Chapitre 2
Au plus profond du jardin, en se laissant glisser le long des brins d'herbe immenses, en suivant cette galerie de fourmis qui s'enfonce dans les entrailles de la terre, là où naissent les racines des arbres, on trouve la base d'un vieux mur, construit par la main de l'homme.
Sur ce mur rongé par le temps, il y a une petite faille qui court entre les pierres. Mais quand on mesure à peine deux millimètres ce n'est pas une petite faille, c'est un gouffre impressionnant, au bord duquel nos trois héros avancent. Sélénia est toujours en tête, évidemment. La princesse ne semble rien avoir perdu de sa vigueur et sa mission semble occuper tout son esprit.
Elle longe le trottoir, comme si elle descendait les Champs-Elysées, ignorant totalement le vide absolu qui borde le chemin. Derrière elle, jamais très loin, Arthur. Il est toujours aussi fasciné par ce qui lui arrive. Lui qui, il y a quelques heures encore, était complexé par son un mètre trente, le voilà maintenant fier de ses deux millimètres. Et il remercie le ciel à chaque instant pour cette aventure qui l'a déjà tellement enrichi et musclé, de la tête aux pieds.
Il respire profondément, comme pour mieux en profiter. À moins que ça soit pour bomber davantage le torse. C'est ce que font certains animaux pendant la saison des amours. Il faut dire qu'Arthur a moins les yeux sur le gouffre que sur Sélénia.
Il faut avouer aussi qu'elle est jolie, cette jeune fille. Un corps de déesse et un caractère de cochon. Un regard de panthère et un sourire de bébé. Même de dos, on sait qu'il s'agit d'une princesse. En tous cas, c'est ce qu'on peut lire dans le regard d'Arthur qui la suit comme Alfred.
Bétamèche est un peu plus loin, comme si être à la traîne faisait partie de ses fonctions. Il a toujours son sac à dos rempli de milliers de choses qui ne lui servent à rien, sauf éventuellement à lui donner du poids pour qu'il ne s'envole pas.

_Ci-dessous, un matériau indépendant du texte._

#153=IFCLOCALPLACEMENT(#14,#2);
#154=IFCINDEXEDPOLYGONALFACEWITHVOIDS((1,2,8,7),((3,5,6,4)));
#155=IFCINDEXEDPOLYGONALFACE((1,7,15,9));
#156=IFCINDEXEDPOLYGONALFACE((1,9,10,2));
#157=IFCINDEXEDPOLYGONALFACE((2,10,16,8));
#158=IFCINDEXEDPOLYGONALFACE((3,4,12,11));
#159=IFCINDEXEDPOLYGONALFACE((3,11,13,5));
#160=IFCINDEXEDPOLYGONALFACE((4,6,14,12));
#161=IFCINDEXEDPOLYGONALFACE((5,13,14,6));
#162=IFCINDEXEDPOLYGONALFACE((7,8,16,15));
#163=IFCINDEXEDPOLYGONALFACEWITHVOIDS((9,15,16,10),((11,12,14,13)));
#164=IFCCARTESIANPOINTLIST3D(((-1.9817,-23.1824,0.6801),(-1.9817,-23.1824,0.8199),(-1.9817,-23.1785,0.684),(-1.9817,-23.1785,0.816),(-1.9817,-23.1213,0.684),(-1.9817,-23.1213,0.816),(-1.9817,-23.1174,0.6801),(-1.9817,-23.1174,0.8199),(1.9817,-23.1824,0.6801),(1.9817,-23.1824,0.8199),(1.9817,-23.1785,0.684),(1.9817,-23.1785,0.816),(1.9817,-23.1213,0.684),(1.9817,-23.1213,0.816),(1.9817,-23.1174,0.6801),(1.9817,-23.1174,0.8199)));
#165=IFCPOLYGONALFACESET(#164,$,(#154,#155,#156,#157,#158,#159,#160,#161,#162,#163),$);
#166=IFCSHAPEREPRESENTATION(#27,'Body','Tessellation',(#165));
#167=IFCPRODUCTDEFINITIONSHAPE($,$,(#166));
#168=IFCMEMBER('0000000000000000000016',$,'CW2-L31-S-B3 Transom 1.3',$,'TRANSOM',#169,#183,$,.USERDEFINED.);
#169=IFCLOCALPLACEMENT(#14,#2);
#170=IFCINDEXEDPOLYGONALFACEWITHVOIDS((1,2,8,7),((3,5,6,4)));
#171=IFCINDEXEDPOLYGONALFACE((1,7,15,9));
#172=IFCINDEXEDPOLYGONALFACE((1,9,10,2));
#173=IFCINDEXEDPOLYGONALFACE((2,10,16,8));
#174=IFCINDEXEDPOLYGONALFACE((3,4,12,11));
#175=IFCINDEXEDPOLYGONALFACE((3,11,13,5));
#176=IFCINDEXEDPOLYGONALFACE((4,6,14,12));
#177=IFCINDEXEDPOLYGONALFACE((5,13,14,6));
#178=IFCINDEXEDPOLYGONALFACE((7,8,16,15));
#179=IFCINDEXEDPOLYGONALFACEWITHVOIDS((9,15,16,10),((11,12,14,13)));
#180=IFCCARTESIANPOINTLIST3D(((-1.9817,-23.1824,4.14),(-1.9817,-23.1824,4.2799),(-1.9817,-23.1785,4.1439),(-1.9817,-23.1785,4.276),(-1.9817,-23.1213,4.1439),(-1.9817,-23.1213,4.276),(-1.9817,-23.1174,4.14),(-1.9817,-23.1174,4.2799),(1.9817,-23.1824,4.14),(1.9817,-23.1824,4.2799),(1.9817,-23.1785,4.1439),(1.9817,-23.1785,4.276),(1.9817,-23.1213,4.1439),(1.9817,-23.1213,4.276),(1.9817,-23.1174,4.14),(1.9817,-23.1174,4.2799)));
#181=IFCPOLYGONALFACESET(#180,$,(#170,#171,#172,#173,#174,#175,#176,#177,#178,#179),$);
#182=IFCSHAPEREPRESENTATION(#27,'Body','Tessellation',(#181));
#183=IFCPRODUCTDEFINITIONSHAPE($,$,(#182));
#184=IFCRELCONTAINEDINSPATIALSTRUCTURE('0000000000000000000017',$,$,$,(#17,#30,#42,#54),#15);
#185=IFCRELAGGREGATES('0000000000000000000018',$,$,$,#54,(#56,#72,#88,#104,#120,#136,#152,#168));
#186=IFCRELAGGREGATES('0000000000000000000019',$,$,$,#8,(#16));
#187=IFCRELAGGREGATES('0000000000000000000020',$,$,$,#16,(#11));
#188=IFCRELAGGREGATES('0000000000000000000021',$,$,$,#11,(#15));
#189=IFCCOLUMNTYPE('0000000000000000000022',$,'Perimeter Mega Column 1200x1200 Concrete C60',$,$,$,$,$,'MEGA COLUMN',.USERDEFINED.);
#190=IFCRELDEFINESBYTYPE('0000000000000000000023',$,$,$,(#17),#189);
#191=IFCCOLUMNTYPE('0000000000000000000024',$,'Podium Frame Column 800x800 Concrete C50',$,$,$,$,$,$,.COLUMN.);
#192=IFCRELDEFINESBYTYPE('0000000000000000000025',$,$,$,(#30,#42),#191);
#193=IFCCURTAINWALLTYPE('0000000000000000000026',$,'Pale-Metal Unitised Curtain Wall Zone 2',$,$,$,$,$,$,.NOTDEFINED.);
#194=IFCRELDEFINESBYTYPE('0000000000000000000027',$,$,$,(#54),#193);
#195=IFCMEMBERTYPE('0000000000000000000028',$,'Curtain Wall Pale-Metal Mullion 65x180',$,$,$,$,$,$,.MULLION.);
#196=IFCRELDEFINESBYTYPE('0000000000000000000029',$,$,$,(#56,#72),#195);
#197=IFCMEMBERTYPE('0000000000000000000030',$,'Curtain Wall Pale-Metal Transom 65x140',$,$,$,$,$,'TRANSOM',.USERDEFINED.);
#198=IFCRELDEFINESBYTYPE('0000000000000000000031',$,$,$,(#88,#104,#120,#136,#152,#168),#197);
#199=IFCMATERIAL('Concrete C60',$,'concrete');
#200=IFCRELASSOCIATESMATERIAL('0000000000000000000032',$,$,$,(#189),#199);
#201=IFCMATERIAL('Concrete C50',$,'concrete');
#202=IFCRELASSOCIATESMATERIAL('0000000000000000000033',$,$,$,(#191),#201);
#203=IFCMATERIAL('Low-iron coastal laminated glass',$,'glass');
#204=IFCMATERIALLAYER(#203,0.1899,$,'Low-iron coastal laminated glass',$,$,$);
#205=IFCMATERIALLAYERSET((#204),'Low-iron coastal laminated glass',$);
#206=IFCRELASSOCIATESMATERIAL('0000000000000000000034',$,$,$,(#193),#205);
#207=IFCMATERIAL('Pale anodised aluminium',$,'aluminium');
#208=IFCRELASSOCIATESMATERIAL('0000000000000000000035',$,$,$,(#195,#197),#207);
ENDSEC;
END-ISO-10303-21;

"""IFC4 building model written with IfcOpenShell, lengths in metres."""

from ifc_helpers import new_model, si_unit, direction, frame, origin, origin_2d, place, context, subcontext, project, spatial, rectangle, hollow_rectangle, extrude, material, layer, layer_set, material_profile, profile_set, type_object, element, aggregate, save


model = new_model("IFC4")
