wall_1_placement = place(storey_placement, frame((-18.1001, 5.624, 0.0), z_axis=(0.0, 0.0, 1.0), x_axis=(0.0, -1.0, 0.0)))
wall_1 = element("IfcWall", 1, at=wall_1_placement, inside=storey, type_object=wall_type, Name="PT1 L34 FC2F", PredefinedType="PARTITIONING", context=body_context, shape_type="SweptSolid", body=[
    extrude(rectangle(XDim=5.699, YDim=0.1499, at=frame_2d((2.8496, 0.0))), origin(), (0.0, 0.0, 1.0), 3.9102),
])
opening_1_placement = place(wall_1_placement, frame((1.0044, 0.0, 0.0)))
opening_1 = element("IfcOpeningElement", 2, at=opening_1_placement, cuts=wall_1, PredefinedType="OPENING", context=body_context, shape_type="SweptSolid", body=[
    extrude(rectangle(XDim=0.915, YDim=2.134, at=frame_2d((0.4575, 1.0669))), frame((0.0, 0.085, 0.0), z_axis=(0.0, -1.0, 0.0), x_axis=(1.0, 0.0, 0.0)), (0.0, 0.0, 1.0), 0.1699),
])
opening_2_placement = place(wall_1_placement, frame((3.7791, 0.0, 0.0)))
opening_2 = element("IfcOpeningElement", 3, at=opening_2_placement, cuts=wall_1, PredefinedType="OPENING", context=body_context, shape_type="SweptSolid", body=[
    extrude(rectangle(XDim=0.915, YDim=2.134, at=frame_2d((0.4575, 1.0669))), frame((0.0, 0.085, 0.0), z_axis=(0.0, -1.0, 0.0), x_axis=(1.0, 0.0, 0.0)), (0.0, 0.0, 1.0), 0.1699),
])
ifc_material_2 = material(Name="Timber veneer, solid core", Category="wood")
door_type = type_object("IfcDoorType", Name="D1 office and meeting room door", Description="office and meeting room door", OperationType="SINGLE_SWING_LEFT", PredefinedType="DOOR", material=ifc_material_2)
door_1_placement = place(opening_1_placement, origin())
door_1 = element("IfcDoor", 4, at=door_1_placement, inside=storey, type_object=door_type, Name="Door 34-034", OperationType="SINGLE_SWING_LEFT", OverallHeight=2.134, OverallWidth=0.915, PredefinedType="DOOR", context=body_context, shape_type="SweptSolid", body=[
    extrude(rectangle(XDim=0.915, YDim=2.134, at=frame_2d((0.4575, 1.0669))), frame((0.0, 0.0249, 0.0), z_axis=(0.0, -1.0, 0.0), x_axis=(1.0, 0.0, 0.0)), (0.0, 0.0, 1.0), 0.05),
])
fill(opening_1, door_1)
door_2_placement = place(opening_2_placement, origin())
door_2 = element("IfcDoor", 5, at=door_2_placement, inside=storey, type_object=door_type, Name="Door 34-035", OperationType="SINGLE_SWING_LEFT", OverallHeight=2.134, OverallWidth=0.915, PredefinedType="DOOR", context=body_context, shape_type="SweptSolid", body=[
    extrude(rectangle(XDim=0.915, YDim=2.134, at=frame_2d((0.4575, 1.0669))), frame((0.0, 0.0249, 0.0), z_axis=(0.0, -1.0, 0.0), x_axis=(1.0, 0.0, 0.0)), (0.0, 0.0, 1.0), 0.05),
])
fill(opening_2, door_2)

- Bétamèche, avance un peu ! Le temps nous manque ! lui rappelle sa sœur, toujours aussi grincheuse à son égard. Bétamèche secoue la tête en signe de mécontentement et lâche un grand soupir.
- J'en ai marre de porter les affaires !
- Mais personne ne t'a demandé d'emporter la moitié du village ? ! lui rétorque la princesse, toujours aussi acide.
- On pourrait porter chacun son tour, non ? Comme ça je me reposerais un petit peu, et on pourrait aller plus vite ! propose Bétamèche, malin comme un singe.
Sélénia s'arrête tout à coup et regarde son frère.
- T'as raison. On va gagner du temps. Donne !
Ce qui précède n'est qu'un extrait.